Paint it yellow for the real world

Nov, 2016 | Pharma

“Many HCPs do not realise that a medicine’s lack of effectiveness is reportable.”

There is a current trend to generate real-world data on medicines. This desire is being fuelled both by pharmaceutical companies and healthcare providers. In a cash restricted healthcare environment, those reimbursing new drugs want to know that they are getting value for money and pharmaceutical companies need further evidence to justify their drug prices, beyond the usual claims of innovation, clinical impact and cost effectiveness. The generation of real-world data seems to be one solution to this conundrum, however the Medicines and Healthcare Products Regulatory Authority (MHRA) has been providing a data set on real-world effectiveness for many years now.

The MHRA’s yellow card scheme has been used to monitor the safety of all healthcare products in the UK since 1963, after the thalidomide scandal. Reports can be made for all medicines including vaccines, blood factors and immunoglobulins, herbal medicines and homeopathic remedies, and all medical devices available on the UK market. Since May 2016, the MHRA has also been collecting reports of safety concerns associated with e-cigarette products through the Yellow Card Scheme.

The data generated from a yellow card report is assessed by an expert panel alongside data from other sources, including other European regulators. However, the simple fact is that use of the yellow card scheme remains low, with gross under reporting of side effects.

The MHRA has joined the EU wide social media campaign from the Strengthening Collaborations to Operate Pharmacovigilance in Europe (SCOPE) Joint Action project. SCOPE was set up to help medicine regulators operate pharmacovigilance systems to the EU legislative requirements. Regulators have worked together to improve the skills and capability in the pharmacovigilance network to help safeguard public health in both national territories and the EU.

The project provides 4 packages to help regulators. The first 3 packages are aimed at regulators working in government and pharmaceutical establishments, the 4th package is about raising awareness amongst healthcare professionals (HCPs) and the public about adverse event (AE) reporting.

The MHRA have joined SCOPE (Copyright MHRA)

Under reporting of adverse events

Examining the MHRA interactive drug analysis profiles (which collate the reported AEs for a given drug) for medicines familiar to me and that I have prescribed; it would appear that there is under reporting of events. The cumulative events for some drugs seem low, especially considering that some of them have ‘signature’ AEs that almost all patients taking them experience to lesser and greater degrees.
Apathy may account for some under reporting but more likely it is the lack of understanding by HCPs and the public on the scope of AEs.
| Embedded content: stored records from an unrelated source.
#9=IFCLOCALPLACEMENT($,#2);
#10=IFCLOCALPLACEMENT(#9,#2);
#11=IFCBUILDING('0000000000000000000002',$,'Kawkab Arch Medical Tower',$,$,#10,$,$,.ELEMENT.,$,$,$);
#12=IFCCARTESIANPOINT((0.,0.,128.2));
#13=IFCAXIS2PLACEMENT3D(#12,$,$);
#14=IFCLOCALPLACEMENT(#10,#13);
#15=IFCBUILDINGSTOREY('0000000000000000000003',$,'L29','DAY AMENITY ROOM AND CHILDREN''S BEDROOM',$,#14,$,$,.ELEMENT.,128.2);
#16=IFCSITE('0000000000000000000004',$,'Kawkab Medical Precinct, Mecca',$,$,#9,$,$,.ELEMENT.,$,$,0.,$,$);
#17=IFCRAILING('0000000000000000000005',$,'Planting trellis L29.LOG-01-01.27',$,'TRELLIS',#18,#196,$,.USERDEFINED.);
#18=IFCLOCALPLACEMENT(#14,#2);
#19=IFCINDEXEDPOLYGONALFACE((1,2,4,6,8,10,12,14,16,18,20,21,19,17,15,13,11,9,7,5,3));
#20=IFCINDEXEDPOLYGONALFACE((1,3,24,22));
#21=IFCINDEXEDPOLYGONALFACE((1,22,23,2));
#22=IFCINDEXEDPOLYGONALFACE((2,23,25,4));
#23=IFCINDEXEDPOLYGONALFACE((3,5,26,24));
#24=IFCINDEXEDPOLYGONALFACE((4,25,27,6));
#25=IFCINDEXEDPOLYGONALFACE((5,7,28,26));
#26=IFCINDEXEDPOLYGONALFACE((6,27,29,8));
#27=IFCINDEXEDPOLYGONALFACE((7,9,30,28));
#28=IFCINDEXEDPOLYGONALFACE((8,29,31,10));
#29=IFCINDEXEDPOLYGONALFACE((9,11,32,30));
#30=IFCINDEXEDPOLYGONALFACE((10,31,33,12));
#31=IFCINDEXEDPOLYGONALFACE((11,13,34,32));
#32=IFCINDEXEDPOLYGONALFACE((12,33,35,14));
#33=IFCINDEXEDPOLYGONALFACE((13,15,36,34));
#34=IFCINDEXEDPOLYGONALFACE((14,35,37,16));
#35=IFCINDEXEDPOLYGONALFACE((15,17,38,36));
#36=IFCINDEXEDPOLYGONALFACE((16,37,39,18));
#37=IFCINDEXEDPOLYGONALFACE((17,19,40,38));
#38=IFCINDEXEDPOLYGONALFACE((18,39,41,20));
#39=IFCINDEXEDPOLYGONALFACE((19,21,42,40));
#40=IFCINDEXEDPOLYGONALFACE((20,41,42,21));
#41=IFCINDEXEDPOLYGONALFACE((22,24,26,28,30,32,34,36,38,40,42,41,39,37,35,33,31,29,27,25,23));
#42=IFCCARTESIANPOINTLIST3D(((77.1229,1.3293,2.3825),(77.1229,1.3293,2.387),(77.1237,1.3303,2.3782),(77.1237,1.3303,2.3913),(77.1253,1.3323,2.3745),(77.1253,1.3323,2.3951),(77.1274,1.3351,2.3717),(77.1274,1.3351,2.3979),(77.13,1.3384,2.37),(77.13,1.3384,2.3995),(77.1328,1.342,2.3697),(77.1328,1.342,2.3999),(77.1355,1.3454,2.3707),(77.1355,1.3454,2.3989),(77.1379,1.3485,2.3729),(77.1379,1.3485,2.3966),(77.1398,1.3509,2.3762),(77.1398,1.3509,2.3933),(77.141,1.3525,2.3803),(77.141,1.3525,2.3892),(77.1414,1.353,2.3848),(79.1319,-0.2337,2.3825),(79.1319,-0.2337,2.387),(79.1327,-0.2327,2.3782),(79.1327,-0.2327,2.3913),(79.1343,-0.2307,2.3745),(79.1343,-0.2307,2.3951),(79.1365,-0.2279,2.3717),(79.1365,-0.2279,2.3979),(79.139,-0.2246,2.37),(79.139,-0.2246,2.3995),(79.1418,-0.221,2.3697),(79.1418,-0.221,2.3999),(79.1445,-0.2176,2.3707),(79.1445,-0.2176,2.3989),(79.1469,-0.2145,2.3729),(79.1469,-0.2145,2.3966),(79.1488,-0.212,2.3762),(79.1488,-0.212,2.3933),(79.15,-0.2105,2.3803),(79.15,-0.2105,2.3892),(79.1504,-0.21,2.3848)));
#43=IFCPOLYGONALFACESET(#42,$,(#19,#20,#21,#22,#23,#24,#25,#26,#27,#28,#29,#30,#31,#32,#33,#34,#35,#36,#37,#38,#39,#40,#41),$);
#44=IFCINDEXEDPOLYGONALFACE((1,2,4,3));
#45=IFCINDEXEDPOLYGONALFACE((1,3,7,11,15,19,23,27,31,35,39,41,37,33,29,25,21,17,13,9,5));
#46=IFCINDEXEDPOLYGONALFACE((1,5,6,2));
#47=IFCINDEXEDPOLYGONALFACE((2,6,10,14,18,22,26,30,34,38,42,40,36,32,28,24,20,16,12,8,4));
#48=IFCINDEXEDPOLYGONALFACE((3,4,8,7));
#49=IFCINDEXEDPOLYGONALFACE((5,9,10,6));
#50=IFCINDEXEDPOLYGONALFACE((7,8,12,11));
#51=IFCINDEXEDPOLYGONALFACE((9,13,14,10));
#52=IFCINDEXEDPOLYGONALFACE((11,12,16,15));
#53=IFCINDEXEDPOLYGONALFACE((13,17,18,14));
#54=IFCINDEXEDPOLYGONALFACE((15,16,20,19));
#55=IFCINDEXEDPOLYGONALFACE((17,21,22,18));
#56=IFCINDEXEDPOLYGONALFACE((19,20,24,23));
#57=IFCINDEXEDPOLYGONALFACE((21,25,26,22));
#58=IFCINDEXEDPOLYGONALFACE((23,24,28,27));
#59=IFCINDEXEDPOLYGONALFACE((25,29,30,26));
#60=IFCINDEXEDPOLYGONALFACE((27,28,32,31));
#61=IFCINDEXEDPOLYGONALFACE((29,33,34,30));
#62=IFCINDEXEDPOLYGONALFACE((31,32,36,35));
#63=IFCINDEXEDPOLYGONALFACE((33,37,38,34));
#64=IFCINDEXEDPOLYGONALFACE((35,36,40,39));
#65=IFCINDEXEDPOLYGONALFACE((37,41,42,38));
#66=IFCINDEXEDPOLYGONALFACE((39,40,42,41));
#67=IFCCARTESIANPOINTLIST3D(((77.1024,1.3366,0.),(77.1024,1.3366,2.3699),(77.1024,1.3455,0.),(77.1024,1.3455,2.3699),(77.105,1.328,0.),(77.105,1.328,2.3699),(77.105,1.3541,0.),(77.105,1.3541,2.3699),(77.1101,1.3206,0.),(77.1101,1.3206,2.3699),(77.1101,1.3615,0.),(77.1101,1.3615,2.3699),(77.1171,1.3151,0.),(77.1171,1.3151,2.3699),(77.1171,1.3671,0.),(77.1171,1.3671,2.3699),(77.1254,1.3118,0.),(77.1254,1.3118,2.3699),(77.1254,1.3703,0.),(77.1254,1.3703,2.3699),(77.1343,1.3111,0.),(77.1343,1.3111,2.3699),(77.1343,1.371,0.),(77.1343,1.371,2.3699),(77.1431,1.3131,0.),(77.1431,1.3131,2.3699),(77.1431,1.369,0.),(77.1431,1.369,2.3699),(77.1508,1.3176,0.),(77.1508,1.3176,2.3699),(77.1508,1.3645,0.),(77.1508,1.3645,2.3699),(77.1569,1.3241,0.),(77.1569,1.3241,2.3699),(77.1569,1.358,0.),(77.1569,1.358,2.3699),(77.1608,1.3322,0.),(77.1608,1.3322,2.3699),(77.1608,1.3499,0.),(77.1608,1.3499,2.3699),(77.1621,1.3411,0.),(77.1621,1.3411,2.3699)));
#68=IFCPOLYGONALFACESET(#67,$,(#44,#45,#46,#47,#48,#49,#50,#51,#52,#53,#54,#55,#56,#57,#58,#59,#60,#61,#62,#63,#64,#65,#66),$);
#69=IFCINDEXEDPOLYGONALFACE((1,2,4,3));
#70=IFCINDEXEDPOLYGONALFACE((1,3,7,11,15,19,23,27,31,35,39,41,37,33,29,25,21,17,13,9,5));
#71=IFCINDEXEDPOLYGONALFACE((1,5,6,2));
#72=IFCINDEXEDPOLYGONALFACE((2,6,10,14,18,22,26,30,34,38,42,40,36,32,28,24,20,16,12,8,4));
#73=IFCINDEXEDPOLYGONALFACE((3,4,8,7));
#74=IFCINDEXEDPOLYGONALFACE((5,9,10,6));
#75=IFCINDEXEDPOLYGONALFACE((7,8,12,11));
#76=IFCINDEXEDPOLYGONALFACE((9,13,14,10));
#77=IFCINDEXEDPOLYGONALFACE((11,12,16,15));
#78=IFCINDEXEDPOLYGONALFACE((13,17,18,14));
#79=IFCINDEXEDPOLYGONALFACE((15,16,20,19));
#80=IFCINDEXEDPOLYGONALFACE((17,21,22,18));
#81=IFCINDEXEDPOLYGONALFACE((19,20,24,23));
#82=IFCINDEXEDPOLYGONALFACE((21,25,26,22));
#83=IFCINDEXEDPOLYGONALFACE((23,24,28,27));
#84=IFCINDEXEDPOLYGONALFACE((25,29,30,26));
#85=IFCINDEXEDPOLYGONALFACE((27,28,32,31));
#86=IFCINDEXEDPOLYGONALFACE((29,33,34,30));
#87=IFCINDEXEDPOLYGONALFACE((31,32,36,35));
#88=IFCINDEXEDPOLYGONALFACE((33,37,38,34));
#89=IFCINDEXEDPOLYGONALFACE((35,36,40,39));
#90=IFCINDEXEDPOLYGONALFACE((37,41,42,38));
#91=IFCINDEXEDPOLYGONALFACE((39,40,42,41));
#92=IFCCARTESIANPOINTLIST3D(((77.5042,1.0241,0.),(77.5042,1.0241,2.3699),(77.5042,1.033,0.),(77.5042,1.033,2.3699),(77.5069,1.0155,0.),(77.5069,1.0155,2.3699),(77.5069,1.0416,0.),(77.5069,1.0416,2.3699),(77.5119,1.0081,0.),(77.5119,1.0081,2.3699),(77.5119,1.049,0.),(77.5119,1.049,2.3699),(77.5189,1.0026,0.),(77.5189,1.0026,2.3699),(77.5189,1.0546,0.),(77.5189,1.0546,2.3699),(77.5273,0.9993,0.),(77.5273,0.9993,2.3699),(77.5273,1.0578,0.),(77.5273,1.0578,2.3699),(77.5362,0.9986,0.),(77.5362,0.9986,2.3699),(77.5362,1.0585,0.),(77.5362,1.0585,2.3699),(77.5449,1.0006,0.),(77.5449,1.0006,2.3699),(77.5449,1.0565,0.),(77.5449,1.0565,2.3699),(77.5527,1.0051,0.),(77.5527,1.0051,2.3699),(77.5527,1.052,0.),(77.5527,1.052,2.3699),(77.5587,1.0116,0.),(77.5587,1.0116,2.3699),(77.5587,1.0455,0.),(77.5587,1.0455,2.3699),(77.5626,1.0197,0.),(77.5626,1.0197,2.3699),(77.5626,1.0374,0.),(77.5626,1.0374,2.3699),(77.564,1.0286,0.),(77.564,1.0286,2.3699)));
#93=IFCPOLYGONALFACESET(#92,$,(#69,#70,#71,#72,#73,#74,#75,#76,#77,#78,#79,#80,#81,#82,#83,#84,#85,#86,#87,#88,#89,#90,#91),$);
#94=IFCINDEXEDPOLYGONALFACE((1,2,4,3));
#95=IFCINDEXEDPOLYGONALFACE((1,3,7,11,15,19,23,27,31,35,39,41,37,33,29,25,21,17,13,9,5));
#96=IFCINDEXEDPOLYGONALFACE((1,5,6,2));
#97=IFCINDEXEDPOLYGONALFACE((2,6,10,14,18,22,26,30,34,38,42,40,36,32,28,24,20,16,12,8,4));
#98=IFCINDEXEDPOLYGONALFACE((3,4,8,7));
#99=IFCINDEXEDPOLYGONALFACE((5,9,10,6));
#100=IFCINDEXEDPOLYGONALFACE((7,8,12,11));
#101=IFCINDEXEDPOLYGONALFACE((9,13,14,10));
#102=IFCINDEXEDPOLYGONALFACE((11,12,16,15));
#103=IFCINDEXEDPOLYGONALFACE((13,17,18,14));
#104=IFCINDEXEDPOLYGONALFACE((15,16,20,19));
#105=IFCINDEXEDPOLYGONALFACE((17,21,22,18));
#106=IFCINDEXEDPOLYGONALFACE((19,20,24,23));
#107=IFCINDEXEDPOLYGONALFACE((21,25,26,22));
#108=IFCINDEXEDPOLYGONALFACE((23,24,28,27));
An AE is defined as ‘any untoward medical occurrence in a patient or clinical investigation subject administered a pharmaceutical product and which does not necessarily have a causal relationship with this treatment. An adverse event can therefore be any unfavourable and unintended sign (including an abnormal laboratory finding), symptom, or disease temporally associated with the use of a medicinal (investigational) product, whether or not related to the medicinal (investigational) product.’ The definition does not exclude known side effects and this is probably where a lot of under reporting happens.

HCPs do make informed judgments on certain AEs and chose not to report them. For example, a doctor treating a patient with severe liver disease due to a virus may not report worsening of the liver disease when the patient is given treatment for the virus, as the deterioration in the liver disease can be explained by the doctor based on the patient’s clinical condition. Whilst the doctor may be correct in their clinical assessment the deterioration should be reported. It’s only when multiple reports of this nature are received that a side effect ‘signal’ maybe seen by a central regulator authority. The drug in this example may itself be causing the worsening of liver function, however an individual HCP may not see the signal as the frequency of the event may not be common.

The pharmaceutical industry is committed to reporting AEs and is regulated by the MHRA to ensure that it discharges its duties appropriately. Teams of regulatory colleagues I have worked with have gone beyond waiting for AEs to be reported to them and have trawled through journals, conference abstracts and social media to look for AEs related to the medicines of the company.

Looking wider to the interactions that the industry has with suppliers of software to aid sales people or to create patient/HCP centric apps; the lack of default inclusion of AE reporting is very evident, with some waiting for the company engaging them to request the functionality.

Should adverse event reporting be by drug brand or manufacturer?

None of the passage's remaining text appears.